Two is enough — do not wait for a third occurrence. With AI-generated duplication, each additional independently-written version tends to accumulate its own callers and its own slight behavioral differences (different edge case handling, different defaults). Consolidating two versions, before a third accumulates its own dependents, is meaningfully cheaper than consolidating three versions that have each drifted independently.
Does this problem get worse with larger codebases?
Yes, and not linearly. The probability that any given agent session’s context window contains an existing relevant implementation decreases as the codebase grows, because the context window is a roughly fixed size while the codebase grows around it. A small project might fit entirely in context, making duplication rare.

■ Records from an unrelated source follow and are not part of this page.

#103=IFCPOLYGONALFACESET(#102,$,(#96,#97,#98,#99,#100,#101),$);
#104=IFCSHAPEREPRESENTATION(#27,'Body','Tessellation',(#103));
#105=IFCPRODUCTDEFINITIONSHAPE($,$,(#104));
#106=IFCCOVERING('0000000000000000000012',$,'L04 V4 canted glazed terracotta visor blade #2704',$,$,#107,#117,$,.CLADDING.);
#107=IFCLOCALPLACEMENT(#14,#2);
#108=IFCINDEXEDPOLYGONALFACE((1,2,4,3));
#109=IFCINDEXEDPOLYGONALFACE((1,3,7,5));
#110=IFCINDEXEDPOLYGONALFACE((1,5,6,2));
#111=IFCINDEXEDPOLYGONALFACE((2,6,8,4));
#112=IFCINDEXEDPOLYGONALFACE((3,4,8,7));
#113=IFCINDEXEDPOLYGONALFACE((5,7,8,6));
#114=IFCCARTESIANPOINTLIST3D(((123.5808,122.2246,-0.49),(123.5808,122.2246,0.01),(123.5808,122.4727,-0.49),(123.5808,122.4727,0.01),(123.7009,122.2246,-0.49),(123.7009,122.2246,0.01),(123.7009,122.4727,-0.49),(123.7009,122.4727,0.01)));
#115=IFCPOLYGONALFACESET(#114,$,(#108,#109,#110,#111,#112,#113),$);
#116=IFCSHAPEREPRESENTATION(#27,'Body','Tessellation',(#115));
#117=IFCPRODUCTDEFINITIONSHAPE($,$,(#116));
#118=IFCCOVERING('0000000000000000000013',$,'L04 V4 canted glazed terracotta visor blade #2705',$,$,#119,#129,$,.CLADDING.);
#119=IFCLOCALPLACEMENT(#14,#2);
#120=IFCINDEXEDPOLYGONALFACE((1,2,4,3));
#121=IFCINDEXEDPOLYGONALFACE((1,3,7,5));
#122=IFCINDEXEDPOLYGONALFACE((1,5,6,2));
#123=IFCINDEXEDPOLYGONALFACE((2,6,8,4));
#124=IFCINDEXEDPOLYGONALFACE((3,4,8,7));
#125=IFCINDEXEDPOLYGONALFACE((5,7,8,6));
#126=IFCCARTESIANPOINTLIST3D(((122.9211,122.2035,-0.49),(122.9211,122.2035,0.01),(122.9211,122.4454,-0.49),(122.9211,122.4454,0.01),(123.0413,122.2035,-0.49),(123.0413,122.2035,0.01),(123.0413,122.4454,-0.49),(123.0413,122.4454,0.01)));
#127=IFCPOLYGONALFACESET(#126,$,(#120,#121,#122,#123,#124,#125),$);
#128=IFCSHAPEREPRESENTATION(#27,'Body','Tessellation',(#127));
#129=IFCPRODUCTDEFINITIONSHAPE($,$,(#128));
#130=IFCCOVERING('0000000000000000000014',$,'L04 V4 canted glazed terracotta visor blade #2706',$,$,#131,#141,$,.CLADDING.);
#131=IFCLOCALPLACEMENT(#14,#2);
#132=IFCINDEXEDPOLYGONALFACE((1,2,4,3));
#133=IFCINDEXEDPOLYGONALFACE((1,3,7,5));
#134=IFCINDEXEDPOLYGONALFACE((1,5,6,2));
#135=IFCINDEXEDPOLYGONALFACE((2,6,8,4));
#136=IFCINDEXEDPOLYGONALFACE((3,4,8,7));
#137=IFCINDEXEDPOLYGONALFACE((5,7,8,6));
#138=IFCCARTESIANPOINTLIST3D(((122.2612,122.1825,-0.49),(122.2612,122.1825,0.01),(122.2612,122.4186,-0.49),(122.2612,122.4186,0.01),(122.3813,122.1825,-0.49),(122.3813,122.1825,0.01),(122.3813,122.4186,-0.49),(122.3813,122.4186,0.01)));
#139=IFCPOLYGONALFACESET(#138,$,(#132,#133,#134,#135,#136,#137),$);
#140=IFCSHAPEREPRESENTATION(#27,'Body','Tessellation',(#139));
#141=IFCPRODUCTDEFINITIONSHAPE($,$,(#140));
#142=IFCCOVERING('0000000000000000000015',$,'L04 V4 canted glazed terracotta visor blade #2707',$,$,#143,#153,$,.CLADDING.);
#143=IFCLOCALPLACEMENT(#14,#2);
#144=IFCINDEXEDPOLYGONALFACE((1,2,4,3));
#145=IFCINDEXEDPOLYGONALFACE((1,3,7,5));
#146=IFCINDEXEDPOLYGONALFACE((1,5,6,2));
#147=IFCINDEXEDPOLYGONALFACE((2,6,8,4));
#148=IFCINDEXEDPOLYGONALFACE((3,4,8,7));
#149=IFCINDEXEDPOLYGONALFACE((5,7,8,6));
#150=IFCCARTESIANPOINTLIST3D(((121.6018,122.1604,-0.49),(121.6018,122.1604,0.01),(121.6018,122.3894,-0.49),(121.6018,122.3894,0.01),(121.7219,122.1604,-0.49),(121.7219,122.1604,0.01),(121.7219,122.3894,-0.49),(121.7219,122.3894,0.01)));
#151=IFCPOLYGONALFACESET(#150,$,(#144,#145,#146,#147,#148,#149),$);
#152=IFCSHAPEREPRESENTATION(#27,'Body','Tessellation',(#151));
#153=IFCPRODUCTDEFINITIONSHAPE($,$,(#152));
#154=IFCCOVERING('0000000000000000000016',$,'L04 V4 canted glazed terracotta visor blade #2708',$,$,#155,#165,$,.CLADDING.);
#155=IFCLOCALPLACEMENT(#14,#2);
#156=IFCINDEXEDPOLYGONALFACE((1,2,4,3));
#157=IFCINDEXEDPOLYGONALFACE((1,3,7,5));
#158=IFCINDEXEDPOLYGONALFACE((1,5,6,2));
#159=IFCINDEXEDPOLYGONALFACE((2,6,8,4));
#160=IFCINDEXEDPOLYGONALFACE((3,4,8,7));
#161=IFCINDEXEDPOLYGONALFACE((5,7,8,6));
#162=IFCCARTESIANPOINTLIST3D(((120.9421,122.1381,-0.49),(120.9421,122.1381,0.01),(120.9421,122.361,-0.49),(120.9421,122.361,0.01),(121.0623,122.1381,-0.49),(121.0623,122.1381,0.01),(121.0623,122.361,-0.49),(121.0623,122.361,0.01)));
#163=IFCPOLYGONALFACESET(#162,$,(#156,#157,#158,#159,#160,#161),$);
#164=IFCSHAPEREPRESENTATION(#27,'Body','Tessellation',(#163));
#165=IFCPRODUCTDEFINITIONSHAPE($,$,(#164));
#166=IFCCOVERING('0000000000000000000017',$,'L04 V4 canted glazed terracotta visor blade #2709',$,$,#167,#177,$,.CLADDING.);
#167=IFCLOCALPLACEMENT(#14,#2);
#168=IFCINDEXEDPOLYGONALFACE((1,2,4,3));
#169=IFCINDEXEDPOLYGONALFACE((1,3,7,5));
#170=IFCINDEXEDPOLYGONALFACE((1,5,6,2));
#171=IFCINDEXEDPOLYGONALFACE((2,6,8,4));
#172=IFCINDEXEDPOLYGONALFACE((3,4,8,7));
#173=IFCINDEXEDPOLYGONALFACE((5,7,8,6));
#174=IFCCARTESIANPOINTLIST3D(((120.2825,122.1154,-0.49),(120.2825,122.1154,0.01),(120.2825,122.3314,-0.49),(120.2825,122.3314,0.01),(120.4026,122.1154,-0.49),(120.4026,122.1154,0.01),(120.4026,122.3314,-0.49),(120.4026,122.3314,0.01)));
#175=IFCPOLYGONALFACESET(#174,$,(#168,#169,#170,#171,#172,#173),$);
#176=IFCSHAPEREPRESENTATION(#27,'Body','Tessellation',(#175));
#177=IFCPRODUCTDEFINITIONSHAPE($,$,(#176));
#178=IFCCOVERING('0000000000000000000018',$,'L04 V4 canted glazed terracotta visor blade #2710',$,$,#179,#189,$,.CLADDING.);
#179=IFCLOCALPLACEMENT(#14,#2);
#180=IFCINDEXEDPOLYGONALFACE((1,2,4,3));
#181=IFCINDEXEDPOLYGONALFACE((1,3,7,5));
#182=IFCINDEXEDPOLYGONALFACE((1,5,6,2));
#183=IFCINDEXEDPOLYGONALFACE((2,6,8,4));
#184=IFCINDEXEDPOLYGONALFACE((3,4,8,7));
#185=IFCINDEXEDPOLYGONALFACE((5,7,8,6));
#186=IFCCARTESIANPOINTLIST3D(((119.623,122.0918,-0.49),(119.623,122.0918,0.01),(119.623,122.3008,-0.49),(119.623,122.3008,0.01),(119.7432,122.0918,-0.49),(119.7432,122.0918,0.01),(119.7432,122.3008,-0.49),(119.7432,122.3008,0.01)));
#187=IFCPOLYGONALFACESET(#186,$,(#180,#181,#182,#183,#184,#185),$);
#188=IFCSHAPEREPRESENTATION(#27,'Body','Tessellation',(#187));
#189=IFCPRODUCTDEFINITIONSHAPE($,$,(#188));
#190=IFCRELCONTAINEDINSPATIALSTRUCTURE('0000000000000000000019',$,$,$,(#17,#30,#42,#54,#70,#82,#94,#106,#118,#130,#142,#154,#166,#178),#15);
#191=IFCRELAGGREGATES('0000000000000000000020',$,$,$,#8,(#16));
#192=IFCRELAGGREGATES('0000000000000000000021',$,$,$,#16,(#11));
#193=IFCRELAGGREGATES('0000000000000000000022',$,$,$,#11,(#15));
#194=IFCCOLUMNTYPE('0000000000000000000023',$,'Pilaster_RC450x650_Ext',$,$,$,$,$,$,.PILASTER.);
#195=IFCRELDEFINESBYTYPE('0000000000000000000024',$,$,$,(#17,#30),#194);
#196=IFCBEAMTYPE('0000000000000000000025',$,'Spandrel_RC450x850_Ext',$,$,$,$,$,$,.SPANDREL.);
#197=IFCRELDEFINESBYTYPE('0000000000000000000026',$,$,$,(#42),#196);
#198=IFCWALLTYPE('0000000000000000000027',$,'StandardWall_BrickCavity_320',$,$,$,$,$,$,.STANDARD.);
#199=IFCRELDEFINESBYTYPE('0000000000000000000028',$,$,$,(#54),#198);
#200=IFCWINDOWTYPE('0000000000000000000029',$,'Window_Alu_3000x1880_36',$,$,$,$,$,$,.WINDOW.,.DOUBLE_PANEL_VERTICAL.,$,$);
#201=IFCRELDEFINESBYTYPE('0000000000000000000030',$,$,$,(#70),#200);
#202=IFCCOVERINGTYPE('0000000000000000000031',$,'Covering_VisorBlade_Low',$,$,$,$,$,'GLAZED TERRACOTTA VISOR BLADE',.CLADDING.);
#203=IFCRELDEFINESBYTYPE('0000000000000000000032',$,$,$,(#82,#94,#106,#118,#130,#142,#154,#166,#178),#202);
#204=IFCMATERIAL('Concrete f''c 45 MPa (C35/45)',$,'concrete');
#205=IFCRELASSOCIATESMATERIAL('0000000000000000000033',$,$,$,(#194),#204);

A large codebase guarantees the agent sees only a small fraction of existing code on any given task, making duplication structurally more likely with every additional file the codebase grows by.
Does adding type annotations help reduce AI-generated duplication?
Indirectly, yes. Type signatures make shared utility functions more discoverable — both by search tooling that can filter by signature shape, and by agents reading code, since a typed signature communicates intent more explicitly than an untyped one. This does not prevent duplication on its own, but it makes existing implementations easier to find during a search-before-generation step, which is the actual prevention mechanism. Codebases in TypeScript or Java have a search advantage over equivalent JavaScript or Python codebases for this reason specifically.
Should I refactor existing AI-generated duplicates immediately when I find them?
Not always immediately, but flag them for consolidation before the next related change touches either version. If both versions are stable and unlikely to be modified soon, consolidating can wait without cost. If either version is likely to be touched again — a feature actively under development — consolidate before that next change, because making the same fix in two places (or, more likely, making it in one and forgetting the other) is exactly the scenario that turns silent duplication into a user-facing inconsistency.